可他有沈砚辞,有他寸步不离的护拥,有他独占满心的温柔。
此后人潮万千,风波万般,皆有人为他挡风隔雨,护他岁岁安稳。
相拥良久,沈砚辞才缓缓松开怀抱,却依旧揽着他的腰,贴身牵着、护着。
“酒会喧嚣,暗流已试探完毕。”
他低头轻声道,语调恢复冷静,紧扣探案主线,“浅层试探尽数浮出,真正的后手,已然开始布局。”
“我们回去复盘线索,静待对方落子。”
顾盼认真颔首:“好。
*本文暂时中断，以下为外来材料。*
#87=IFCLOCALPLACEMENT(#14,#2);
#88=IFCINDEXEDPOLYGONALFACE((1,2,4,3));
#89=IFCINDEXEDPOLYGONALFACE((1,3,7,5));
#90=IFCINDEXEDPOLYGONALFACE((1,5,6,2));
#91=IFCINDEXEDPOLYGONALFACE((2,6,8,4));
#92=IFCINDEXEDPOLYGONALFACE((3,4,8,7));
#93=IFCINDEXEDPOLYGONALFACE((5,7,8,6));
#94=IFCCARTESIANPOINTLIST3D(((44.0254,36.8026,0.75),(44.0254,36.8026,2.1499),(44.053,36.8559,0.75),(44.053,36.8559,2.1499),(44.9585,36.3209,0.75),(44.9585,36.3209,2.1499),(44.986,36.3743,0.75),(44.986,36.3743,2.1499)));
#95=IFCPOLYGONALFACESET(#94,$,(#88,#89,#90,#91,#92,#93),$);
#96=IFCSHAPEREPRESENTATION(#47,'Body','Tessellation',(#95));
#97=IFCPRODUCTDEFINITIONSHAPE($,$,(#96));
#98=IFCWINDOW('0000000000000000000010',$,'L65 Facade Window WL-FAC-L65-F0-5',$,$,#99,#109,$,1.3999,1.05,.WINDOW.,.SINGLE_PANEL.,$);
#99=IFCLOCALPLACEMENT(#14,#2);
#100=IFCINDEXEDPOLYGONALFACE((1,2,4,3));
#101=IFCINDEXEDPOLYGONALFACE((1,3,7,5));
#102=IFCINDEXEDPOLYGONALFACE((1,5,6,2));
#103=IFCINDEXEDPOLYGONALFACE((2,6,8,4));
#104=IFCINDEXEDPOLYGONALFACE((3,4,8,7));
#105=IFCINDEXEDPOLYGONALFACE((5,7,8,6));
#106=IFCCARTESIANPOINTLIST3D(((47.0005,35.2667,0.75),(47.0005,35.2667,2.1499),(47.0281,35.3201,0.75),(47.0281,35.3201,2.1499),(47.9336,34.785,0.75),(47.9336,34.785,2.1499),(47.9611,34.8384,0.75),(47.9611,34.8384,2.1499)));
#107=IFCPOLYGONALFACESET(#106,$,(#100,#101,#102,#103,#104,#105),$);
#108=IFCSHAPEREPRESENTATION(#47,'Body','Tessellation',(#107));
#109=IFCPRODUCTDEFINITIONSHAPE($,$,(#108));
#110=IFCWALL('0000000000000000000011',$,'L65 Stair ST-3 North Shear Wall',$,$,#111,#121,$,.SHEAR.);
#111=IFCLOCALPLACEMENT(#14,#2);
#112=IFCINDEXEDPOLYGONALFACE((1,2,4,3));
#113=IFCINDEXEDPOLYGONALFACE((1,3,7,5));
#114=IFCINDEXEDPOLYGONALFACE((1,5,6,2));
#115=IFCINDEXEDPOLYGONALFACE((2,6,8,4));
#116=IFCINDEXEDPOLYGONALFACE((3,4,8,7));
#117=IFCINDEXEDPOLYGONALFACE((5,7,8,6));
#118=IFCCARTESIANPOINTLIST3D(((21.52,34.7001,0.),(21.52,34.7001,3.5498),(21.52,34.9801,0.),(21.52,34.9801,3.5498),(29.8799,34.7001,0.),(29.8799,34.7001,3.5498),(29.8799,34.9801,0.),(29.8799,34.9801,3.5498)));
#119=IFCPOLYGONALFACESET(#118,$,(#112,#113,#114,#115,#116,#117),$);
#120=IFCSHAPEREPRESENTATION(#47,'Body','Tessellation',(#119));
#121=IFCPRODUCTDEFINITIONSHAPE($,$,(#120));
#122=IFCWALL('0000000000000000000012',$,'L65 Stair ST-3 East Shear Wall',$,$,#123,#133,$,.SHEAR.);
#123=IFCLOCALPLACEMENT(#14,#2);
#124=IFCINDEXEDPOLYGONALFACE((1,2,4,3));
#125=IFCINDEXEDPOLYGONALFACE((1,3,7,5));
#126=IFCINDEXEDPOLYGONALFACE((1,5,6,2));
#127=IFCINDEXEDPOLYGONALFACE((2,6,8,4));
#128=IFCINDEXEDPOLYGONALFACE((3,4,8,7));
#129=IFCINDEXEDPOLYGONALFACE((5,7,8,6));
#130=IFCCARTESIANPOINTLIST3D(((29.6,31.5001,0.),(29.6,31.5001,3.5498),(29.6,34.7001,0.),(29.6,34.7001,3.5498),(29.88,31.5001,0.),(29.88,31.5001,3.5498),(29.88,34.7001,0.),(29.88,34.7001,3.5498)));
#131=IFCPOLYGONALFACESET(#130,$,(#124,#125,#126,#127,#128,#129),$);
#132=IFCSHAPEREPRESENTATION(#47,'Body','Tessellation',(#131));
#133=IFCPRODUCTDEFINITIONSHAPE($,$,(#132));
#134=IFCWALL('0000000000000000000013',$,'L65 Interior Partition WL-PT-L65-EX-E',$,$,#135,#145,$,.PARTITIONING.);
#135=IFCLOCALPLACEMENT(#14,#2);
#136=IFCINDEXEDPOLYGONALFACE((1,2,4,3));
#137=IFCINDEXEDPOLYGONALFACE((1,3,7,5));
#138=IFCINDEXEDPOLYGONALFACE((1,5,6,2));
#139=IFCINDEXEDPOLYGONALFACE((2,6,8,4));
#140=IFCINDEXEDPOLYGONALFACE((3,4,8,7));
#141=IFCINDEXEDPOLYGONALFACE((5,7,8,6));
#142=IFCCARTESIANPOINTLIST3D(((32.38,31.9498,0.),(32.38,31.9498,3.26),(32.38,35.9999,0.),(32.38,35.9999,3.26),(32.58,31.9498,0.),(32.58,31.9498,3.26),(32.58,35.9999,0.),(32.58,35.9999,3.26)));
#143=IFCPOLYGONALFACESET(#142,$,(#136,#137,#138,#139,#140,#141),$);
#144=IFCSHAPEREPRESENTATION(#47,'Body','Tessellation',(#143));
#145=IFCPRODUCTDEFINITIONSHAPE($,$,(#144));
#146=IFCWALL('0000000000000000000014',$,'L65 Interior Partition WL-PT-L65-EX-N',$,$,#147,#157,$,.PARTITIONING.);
”
二人默契依旧,私情暗涌从不耽误案情研判,温柔牵绊之余,始终坚守探案主线,人设剧情双向在线。
并肩转身,缓步走出廊道。
一路依旧贴身并行,揽腰护持,寸步不离。
人潮再涌,目光再杂,他始终将他护在身侧,隔绝所有觊觎、所有试探、所有风波。
风起金陵,护拥成瘾。
自此往后,岁岁朝夕,步步相随,寸步不离,偏爱不休。